# Body slinger mechanism up and running!



## YoungHaunter (Oct 5, 2013)

It works! Needs some good tweeking though
The thing has ALOT of power despite the speed


----------



## Lunatic (Oct 3, 2006)

You could use it to throw candy at the tots!


----------



## YoungHaunter (Oct 5, 2013)

It might gouge an eye!


----------



## Joe_31st (Aug 20, 2013)

what are the specs on that cylinder? bore and stroke? Thanks!


----------



## The Pod (Sep 15, 2009)

Lunatic said:


> You could use it to throw candy at the tots!


 looks like it has enough force to toss the candy into the next neighborhood.


----------



## YoungHaunter (Oct 5, 2013)

Hey joe, its a screen door closer, yes i know the hazards, but it was a project from last year.
Ill get to you on the bore, stroke is 9-11 inches i think. Look up any commercial closer with specs


----------



## niblique71 (Dec 2, 2009)

I'm not sure if there are "Stroke Bumpers" inside a screen door closer, So I would see if you could make a bumper for at least the return stroke so that the board lays down onto a piece of wood with something "Soft" on it like a piece of dense foam, instead of relying on the cylinder to stop the energy. The geometry of that return stroke gives the board more mechanical advantage against the cylinder. It might help your slinger last a little longer. Who knows, it might just be fine as is.

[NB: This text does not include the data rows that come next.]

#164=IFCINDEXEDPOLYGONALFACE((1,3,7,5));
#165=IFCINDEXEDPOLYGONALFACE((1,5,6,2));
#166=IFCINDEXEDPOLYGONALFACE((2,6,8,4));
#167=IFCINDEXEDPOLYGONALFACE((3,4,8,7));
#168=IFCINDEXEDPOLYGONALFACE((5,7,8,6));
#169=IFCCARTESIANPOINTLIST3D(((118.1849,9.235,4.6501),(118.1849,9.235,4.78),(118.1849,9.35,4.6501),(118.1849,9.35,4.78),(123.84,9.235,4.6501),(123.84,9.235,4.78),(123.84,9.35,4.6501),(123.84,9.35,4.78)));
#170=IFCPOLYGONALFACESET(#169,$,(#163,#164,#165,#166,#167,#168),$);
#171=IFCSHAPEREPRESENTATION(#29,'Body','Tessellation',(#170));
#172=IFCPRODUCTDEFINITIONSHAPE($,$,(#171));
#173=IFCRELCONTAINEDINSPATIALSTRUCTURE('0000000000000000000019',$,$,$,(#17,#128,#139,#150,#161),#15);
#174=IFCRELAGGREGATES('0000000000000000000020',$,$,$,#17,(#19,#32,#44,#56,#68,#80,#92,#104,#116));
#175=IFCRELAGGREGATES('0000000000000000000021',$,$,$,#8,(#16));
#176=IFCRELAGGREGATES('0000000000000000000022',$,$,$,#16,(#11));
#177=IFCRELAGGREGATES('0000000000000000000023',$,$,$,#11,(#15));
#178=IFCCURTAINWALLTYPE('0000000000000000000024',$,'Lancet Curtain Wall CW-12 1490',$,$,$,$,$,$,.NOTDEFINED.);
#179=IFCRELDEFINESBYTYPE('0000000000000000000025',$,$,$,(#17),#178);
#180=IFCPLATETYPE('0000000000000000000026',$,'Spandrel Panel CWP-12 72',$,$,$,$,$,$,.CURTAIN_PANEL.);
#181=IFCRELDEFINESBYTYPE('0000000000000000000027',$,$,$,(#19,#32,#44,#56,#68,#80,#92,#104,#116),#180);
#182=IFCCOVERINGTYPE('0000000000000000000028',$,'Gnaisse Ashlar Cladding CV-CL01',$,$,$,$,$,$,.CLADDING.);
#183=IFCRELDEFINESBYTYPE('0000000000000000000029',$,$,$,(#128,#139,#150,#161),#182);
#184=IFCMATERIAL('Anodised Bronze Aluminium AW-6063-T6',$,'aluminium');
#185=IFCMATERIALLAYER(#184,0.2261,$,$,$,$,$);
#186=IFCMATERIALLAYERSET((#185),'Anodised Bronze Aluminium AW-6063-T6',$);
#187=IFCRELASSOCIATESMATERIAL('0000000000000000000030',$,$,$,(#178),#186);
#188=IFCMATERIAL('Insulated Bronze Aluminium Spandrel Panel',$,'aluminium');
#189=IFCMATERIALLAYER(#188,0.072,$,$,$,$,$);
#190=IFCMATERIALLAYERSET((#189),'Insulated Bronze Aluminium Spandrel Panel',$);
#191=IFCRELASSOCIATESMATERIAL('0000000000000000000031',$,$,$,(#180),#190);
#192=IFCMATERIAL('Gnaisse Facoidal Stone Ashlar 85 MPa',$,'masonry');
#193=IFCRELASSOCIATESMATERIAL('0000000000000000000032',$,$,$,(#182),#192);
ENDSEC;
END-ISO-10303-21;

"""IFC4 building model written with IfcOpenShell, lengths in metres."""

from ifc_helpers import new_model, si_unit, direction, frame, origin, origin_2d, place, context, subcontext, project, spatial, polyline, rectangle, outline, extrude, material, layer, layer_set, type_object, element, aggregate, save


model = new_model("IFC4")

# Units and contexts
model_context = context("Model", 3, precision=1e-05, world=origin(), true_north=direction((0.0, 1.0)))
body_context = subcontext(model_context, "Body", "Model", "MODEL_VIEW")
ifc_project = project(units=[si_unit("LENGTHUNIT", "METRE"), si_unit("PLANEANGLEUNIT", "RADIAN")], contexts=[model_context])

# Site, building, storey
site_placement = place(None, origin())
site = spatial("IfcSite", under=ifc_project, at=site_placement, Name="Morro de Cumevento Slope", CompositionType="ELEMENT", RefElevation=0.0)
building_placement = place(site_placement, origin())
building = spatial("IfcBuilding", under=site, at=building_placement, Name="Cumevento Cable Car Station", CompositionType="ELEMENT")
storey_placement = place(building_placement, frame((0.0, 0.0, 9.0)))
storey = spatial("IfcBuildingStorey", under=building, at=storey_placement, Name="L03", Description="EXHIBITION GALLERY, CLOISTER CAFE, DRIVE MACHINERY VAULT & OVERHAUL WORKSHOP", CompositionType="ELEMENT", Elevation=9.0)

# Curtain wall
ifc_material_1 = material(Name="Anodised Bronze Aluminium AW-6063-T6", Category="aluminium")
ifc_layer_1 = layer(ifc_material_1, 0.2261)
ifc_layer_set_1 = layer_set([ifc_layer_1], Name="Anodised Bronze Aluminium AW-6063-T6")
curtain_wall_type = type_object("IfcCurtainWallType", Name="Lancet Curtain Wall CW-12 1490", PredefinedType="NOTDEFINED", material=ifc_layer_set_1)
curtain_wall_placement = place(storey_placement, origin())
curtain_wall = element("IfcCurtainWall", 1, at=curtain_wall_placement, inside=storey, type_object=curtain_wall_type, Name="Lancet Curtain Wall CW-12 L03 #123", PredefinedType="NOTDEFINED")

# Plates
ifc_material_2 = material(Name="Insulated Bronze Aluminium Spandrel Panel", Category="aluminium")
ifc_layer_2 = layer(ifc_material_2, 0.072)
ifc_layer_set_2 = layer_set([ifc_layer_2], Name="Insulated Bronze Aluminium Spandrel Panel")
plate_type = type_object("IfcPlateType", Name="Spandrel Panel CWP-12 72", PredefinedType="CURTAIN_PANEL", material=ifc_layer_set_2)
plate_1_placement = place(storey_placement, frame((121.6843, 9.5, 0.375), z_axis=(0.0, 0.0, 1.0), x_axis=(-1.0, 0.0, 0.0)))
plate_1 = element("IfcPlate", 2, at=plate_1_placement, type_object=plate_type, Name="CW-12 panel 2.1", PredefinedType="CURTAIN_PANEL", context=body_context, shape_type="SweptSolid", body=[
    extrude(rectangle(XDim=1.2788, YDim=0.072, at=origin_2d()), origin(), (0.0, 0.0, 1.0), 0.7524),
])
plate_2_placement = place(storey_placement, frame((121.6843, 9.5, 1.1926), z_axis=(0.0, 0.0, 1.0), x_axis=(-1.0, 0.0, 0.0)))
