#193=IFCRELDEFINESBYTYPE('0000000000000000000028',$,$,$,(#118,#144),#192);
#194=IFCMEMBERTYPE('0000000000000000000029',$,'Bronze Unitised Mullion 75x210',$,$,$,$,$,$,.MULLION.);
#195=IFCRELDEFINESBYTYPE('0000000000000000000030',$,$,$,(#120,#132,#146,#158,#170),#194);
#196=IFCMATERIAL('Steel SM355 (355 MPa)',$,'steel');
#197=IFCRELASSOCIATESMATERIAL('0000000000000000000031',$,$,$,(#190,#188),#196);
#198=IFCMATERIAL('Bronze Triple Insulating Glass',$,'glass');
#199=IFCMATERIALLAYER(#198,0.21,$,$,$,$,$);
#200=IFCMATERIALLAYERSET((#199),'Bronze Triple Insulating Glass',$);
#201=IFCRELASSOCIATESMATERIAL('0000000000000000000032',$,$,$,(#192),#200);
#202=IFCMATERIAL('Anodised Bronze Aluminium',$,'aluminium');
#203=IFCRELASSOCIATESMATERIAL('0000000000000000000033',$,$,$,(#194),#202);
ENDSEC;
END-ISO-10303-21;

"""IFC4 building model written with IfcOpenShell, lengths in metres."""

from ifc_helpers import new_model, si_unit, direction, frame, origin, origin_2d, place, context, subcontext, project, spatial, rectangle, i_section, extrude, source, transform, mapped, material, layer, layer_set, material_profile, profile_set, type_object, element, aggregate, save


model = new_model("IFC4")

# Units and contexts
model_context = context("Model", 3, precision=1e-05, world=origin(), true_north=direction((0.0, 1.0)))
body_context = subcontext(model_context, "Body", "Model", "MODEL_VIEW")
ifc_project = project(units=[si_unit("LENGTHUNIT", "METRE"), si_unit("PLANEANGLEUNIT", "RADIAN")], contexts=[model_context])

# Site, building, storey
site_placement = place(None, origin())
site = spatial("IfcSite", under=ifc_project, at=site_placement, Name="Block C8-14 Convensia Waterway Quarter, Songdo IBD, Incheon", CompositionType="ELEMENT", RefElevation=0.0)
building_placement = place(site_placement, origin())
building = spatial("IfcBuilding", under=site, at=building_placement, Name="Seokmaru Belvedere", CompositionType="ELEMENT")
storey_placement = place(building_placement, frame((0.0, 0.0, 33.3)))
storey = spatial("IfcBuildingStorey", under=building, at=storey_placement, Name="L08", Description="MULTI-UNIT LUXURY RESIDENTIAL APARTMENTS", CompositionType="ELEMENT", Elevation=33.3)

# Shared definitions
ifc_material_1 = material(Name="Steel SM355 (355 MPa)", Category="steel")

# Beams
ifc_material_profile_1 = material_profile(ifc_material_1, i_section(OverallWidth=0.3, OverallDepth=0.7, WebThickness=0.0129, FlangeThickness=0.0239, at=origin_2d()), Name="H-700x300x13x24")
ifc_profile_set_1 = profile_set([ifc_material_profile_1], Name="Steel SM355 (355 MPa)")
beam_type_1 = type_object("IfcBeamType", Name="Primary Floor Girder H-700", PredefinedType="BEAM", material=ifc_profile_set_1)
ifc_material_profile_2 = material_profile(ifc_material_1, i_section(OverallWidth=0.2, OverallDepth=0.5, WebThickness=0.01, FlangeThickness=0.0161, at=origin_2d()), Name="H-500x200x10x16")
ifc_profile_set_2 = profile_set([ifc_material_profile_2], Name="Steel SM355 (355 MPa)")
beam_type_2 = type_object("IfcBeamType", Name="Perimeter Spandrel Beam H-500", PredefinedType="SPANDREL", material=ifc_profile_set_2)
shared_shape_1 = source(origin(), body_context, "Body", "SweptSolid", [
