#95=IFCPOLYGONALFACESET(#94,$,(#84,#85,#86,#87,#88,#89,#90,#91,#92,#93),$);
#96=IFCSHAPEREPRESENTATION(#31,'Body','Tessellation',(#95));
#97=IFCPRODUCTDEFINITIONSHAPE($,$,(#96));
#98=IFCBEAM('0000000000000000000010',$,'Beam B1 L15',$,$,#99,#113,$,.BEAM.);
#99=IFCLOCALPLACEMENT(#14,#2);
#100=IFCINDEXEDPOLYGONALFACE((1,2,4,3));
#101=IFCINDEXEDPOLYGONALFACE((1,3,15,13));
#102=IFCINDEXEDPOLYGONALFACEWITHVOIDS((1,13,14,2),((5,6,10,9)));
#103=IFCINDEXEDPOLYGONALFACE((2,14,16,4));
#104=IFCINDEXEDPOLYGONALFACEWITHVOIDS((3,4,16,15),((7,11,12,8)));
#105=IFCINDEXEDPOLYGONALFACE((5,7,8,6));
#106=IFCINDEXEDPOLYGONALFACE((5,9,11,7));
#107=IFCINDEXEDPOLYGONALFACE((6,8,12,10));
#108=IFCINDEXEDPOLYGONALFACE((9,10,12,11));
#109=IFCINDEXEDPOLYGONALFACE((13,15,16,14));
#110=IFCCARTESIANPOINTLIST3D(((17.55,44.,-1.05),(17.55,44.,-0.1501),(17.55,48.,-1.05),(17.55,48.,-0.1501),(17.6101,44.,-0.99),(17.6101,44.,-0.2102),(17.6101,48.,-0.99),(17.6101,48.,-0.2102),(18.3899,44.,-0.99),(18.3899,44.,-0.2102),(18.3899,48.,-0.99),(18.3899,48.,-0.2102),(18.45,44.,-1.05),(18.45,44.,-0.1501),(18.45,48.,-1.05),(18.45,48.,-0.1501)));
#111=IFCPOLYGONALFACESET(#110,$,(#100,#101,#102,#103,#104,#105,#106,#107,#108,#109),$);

Good to see it up and running. So how did you solve your "Speed issue" ??


----------



## Joe_31st (Aug 20, 2013)

YoungHaunter said:


> Hey joe, its a screen door closer, yes i know the hazards, but it was a project from last year.
> Ill get to you on the bore, stroke is 9-11 inches i think. Look up any commercial closer with specs


Gotcha! I have a couple of cylinders that are 12 inches and I didn't know what to use them for. Now this gives me ideas, of course I don't have the time this year to build a new toy.


----------



## YoungHaunter (Oct 5, 2013)

Well the speed was never really an issue i guess, i was judging this prop like a TCT where the speed has to be very fast, this prop is running at the same pace. Its just the placement where the rod is pushing up the prop board that made the difference. 
You can do this with any stroke cylinder virtually, it just depends on where the rod pushes up the prop board. Oh an you can always give away a few cylinders! Haha but no those will suffice for a prop like this


----------



## hauntedyards (Mar 24, 2005)

Pick up a flow control fitting and you could dial it in... man these piston powered props made of wood make me nervous in this lawsuit happy world we live in. lol


----------



## Joe_31st (Aug 20, 2013)

hauntedyards said:


> Pick up a flow control fitting and you could dial it in... man these piston powered props made of wood make me nervous in this lawsuit happy world we live in. lol


I hear ya on that one. When I can, I try to use aluminum to make things lighter so that I don't have to run much pressure. Hopefully, that makes thing safer. Also, I use bolts instead of screws when fastening even with wood so that I make sure fasteners don't pull out (i.e. screws). I also use nylon lock nuts as well. Keep kids a safe distance away from props and things should be pretty safe.


----------



## bfjou812 (Aug 15, 2008)

Joe_31st said:


> I hear ya on that one. When I can, I try to use aluminum to make things lighter so that I don't have to run much pressure. Hopefully, that makes thing safer. Also, I use bolts instead of screws when fastening even with wood so that I make sure fasteners don't pull out (i.e. screws). I also use nylon lock nuts as well. Keep kids a safe distance away from props and things should be pretty safe.


The only thing that scares me more is the use of a door closer for an air cylinder ,then recommending it. There is a reason that door closers aren't used for cylinders ...........just sayin'


----------